# Photo Diary of meal ideas and portions :)



## GSleigh

Ah see what folk think to some of the meals..

I am going to build a photo diary of meals consumed in the day to show intakes at different times, quanities etc..

We al write our lists of food. Even better to photo 

Just a couple simple ones! More to come with weights and protien/carb/fat break downs

Steak with veg and sweet potatoe filled with salsa:










Can of Tuna with vegtables and sweet potatoe filled with Salsa










100grams porridge with milk bananas and raisins:


----------



## Incredibl3Bulk

i think im gonna get me some salsa!


----------



## MaKaVeLi

That thing on the left looks suspiciously like something:whistling:


----------



## lumpy

i am fookin starving now ! looks tasty


----------



## phenom82

Making my mouth water. God, i love food!


----------



## GSleigh

Greekgoddess said:


> Mak you made me laugh, although I can see where you are coming from lol
> 
> This is a terrible thread to open if you are dieting...........

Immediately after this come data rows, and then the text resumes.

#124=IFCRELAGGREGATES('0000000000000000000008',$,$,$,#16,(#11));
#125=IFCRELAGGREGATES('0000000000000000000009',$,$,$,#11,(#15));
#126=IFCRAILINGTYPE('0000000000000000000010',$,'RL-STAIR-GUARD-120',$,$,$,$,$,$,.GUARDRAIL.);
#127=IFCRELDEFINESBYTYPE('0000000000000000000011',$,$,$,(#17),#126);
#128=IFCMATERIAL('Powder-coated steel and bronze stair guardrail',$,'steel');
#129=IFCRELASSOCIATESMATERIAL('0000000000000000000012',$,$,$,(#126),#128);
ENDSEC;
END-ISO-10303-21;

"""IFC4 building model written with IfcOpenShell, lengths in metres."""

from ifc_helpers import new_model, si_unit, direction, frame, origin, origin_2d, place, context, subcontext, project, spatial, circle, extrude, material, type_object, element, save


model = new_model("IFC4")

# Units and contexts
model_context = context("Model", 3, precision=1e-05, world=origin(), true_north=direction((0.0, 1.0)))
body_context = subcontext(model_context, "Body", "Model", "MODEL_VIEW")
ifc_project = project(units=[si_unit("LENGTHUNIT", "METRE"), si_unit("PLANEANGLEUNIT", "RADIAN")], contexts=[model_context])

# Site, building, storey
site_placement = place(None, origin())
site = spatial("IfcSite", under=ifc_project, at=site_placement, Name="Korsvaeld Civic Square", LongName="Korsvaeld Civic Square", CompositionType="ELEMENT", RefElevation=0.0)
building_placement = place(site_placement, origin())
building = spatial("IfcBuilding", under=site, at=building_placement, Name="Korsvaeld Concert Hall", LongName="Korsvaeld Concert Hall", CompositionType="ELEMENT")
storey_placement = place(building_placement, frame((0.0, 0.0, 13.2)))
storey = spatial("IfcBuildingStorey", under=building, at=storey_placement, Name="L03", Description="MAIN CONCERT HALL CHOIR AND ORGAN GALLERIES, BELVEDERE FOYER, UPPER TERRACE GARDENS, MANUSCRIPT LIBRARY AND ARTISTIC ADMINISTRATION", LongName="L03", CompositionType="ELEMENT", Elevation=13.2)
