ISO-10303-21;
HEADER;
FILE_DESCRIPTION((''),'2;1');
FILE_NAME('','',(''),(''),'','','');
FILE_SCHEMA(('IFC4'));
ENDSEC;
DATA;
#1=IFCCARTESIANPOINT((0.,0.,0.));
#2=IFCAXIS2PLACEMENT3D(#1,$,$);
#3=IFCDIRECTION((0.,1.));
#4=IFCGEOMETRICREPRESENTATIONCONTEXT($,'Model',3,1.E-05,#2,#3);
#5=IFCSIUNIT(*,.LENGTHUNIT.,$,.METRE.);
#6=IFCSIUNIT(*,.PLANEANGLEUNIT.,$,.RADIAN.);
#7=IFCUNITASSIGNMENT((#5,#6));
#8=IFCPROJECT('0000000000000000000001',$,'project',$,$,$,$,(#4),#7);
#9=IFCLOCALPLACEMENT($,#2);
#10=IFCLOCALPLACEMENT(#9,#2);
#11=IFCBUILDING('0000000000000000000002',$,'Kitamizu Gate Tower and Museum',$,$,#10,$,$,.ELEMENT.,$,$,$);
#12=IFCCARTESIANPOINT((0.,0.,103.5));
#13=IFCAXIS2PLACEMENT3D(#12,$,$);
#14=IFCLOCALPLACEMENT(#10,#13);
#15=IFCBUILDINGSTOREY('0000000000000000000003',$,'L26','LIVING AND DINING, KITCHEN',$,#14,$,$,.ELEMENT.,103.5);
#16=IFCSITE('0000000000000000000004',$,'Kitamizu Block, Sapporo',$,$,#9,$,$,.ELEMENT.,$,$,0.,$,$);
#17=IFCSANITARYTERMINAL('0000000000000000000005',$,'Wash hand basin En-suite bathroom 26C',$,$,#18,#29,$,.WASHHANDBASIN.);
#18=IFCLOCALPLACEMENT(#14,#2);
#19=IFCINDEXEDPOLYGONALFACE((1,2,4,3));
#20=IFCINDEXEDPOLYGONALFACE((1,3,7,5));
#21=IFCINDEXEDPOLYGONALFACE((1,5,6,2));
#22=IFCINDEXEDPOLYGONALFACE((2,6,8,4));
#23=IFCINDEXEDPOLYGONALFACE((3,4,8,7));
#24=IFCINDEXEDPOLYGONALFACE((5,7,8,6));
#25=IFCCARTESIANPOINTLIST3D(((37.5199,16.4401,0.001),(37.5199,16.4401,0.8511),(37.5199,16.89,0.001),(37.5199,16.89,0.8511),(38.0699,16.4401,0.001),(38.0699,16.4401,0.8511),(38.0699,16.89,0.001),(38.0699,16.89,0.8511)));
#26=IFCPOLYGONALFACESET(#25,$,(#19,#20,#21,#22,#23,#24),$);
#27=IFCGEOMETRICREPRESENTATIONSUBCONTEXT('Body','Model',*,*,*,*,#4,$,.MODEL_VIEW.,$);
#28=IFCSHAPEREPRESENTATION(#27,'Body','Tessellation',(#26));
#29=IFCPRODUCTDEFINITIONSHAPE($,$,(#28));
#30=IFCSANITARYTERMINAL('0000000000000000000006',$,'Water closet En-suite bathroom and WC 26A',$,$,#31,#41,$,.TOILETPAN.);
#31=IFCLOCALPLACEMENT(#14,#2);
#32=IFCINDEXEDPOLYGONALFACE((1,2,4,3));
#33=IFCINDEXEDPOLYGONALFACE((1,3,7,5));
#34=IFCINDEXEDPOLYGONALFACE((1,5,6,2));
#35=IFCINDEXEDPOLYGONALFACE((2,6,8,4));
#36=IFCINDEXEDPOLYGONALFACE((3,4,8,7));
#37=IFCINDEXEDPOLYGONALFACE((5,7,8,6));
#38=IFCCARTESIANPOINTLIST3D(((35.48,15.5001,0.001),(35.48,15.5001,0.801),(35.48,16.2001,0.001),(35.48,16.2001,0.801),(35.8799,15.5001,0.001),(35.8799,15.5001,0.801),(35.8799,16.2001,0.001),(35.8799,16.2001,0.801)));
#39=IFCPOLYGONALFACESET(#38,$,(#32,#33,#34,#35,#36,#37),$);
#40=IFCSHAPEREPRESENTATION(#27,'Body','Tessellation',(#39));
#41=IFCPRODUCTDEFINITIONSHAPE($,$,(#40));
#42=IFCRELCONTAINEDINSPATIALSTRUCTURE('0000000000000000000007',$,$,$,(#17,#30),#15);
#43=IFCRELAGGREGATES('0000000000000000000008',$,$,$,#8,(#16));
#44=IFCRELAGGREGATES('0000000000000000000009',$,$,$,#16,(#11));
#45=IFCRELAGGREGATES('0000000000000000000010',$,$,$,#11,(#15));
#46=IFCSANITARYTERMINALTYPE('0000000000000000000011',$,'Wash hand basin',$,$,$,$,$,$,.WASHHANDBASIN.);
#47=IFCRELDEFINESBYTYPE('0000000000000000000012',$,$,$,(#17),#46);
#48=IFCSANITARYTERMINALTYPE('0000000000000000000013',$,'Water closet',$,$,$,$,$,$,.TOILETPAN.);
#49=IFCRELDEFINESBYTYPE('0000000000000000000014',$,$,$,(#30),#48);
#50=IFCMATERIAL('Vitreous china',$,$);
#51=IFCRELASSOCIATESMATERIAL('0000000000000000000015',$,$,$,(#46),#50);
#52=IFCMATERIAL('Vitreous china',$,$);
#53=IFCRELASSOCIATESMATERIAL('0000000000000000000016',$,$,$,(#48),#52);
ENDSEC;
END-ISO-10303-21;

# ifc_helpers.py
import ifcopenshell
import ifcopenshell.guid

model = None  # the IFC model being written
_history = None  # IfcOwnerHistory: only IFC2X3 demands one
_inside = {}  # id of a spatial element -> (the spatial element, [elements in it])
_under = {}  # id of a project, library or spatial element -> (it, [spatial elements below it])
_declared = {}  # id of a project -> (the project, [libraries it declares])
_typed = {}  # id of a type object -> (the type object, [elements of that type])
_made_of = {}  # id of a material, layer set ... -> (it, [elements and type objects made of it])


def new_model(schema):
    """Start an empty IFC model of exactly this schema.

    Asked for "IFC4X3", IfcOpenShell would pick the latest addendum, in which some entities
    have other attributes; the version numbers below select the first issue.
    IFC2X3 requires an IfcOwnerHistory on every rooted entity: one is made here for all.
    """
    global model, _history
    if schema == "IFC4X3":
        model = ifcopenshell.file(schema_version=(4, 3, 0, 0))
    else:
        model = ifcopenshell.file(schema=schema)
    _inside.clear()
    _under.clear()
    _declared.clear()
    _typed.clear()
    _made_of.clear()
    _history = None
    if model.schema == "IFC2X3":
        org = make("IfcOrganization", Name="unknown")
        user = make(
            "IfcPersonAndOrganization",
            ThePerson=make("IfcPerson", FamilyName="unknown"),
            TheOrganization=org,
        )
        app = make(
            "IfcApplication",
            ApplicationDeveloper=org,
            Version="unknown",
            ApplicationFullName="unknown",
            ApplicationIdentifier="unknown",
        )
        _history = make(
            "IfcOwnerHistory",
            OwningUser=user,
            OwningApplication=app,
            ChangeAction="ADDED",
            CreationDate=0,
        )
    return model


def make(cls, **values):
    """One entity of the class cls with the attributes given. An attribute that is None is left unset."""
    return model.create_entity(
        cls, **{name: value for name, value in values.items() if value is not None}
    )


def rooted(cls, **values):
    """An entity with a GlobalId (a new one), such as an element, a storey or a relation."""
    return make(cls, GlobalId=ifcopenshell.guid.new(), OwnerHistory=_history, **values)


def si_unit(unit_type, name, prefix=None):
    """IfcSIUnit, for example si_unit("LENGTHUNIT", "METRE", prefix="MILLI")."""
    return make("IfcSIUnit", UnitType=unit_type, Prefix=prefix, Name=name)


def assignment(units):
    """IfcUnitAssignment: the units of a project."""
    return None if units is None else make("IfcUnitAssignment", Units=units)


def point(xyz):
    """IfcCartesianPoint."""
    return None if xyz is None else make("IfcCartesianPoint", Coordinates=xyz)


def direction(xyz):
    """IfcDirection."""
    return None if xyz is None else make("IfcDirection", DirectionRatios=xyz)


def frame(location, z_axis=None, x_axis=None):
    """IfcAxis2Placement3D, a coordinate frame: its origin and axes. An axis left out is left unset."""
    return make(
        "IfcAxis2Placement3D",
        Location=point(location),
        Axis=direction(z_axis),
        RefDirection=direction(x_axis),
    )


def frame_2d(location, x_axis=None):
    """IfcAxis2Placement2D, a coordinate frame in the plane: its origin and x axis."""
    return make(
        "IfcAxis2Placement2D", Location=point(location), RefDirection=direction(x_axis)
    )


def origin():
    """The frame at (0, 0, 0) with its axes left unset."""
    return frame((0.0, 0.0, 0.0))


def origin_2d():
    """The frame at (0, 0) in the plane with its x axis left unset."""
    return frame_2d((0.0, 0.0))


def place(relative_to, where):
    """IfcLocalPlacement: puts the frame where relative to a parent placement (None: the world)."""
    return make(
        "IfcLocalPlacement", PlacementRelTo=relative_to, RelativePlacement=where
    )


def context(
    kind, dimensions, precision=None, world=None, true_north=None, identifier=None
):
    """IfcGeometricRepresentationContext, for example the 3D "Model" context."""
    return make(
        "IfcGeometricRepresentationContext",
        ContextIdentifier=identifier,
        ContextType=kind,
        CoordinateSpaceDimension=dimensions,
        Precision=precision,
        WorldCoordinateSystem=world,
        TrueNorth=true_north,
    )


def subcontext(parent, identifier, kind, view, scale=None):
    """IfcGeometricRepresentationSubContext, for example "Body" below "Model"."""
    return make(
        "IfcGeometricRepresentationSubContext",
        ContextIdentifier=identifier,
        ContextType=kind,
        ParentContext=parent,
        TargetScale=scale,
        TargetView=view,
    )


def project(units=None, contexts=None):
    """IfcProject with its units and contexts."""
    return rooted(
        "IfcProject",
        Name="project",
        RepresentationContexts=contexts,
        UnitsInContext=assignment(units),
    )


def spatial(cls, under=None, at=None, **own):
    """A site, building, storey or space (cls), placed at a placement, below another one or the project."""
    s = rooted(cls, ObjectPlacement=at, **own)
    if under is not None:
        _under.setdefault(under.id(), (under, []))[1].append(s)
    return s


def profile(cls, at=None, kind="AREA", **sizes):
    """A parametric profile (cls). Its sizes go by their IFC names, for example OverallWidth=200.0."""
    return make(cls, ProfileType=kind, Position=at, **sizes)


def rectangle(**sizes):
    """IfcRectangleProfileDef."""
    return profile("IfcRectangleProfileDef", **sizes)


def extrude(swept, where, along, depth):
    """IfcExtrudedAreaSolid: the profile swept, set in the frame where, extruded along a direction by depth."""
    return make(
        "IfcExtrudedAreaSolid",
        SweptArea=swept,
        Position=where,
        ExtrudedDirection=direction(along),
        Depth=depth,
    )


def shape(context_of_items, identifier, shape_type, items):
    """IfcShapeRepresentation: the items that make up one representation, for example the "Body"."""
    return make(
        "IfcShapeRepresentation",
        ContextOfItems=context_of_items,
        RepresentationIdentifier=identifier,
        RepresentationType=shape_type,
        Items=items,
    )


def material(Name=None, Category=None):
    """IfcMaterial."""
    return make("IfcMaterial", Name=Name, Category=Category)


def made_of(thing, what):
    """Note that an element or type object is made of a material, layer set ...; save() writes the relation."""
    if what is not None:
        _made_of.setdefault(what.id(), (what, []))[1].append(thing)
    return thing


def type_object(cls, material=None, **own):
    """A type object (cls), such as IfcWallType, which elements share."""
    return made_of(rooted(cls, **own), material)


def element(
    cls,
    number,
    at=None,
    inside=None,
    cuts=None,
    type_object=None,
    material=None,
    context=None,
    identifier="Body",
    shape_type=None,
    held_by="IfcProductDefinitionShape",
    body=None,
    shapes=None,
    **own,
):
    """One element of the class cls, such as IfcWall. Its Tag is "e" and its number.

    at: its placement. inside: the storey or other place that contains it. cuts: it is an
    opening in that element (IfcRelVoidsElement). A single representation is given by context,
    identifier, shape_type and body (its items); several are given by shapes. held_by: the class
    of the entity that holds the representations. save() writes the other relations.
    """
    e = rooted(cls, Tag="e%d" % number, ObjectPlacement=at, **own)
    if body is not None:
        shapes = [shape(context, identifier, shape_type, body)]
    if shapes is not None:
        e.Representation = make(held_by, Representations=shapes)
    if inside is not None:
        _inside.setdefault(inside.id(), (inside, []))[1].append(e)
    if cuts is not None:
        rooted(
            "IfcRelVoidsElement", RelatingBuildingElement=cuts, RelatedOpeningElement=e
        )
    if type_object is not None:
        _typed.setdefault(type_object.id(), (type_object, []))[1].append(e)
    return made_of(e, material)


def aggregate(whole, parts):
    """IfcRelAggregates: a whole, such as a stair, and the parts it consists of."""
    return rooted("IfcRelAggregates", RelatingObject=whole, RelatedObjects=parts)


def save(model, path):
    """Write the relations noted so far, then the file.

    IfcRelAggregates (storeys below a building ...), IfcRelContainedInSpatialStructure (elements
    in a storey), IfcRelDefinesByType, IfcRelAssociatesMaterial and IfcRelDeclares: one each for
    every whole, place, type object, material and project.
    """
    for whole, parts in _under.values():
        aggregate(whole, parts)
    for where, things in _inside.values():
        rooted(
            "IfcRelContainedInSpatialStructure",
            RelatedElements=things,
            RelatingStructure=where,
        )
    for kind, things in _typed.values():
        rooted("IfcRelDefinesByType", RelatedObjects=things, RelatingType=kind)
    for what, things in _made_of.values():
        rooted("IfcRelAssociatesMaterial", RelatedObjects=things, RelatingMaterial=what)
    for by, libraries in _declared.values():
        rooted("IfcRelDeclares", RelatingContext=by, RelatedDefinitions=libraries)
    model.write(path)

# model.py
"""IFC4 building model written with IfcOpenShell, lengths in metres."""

from ifc_helpers import new_model, si_unit, direction, frame, origin, origin_2d, place, context, subcontext, project, spatial, rectangle, extrude, material, type_object, element, save


model = new_model("IFC4")

# Units and contexts
model_context = context("Model", 3, precision=1e-05, world=origin(), true_north=direction((0.0, 1.0)))
body_context = subcontext(model_context, "Body", "Model", "MODEL_VIEW")
ifc_project = project(units=[si_unit("LENGTHUNIT", "METRE"), si_unit("PLANEANGLEUNIT", "RADIAN")], contexts=[model_context])

# Site, building, storey
site_placement = place(None, origin())
site = spatial("IfcSite", under=ifc_project, at=site_placement, Name="Kitamizu Block, Sapporo", CompositionType="ELEMENT", RefElevation=0.0)
building_placement = place(site_placement, origin())
building = spatial("IfcBuilding", under=site, at=building_placement, Name="Kitamizu Gate Tower and Museum", CompositionType="ELEMENT")
storey_placement = place(building_placement, frame((0.0, 0.0, 103.5)))
storey = spatial("IfcBuildingStorey", under=building, at=storey_placement, Name="L26", Description="LIVING AND DINING, KITCHEN", CompositionType="ELEMENT", Elevation=103.5)

# Sanitary terminals
ifc_material_1 = material(Name="Vitreous china")
sanitary_terminal_type_1 = type_object("IfcSanitaryTerminalType", Name="Wash hand basin", PredefinedType="WASHHANDBASIN", material=ifc_material_1)
sanitary_terminal_1_placement = place(storey_placement, frame((37.7949, 16.665, 0.001), z_axis=(0.0, 0.0, 1.0), x_axis=(1.0, 0.0, 0.0)))
element("IfcSanitaryTerminal", 1, at=sanitary_terminal_1_placement, inside=storey, type_object=sanitary_terminal_type_1, Name="Wash hand basin En-suite bathroom 26C", PredefinedType="WASHHANDBASIN", context=body_context, shape_type="SweptSolid", body=[
    extrude(rectangle(XDim=0.55, YDim=0.45, at=origin_2d()), origin(), (0.0, 0.0, 1.0), 0.8501),
])
ifc_material_2 = material(Name="Vitreous china")
sanitary_terminal_type_2 = type_object("IfcSanitaryTerminalType", Name="Water closet", PredefinedType="TOILETPAN", material=ifc_material_2)
sanitary_terminal_2_placement = place(storey_placement, frame((35.6799, 15.8501, 0.001), z_axis=(0.0, 0.0, 1.0), x_axis=(1.0, 0.0, 0.0)))
element("IfcSanitaryTerminal", 2, at=sanitary_terminal_2_placement, inside=storey, type_object=sanitary_terminal_type_2, Name="Water closet En-suite bathroom and WC 26A", PredefinedType="TOILETPAN", context=body_context, shape_type="SweptSolid", body=[
    extrude(rectangle(XDim=0.3999, YDim=0.7, at=origin_2d()), origin(), (0.0, 0.0, 1.0), 0.8),
])

save(model, "model.ifc")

If people dieting i dont think they be in the gaining weight section  LOL

And theres plenty more to come. Fish meals and allsorts.  Thought it would be a good idea


----------



## GSleigh

Hmmmm....

Fresh Macreal, vegtables, sweet potatoe and salsa 










Slightly naughty with carbs here... wholemeal wraps * 3 with rice and chicken smoothered in nandos flavouring:










Salmon fillet with vegtables, sweet potatoe and salsa 










Slightly naughty meal! Low fat chips, 2 pork chops and vegtables!


----------



## MaKaVeLi

Wow you make the most bland foods look nice:thumbup1:


----------



## Dandy-uk

youd make a woman very proud lol ur cooking looks so good 

althought this is clean bulkin food it surely can still be good for when cutting carbs ?

as long as portion control in place as these r the kind of foods i am eating as part of my fat loss?


----------



## Dean00

where do you get nandos flavouring??????


----------



## Dandy-uk

youd make a woman very proud lol ur cooking looks so good 

althought this is clean bulkin food it surely can still be good for when cutting carbs ?

as long as portion control in place as these r the kind of foods i am eating as part of my fat loss?


----------



## GSleigh

Dandy-uk said:


> youd make a woman very proud lol ur cooking looks so good
> 
> althought this is clean bulkin food it surely can still be good for when cutting carbs ?
> 
> as long as portion control in place as these r the kind of foods i am eating as part of my fat loss?


Well my personal way of putting it all together is generally...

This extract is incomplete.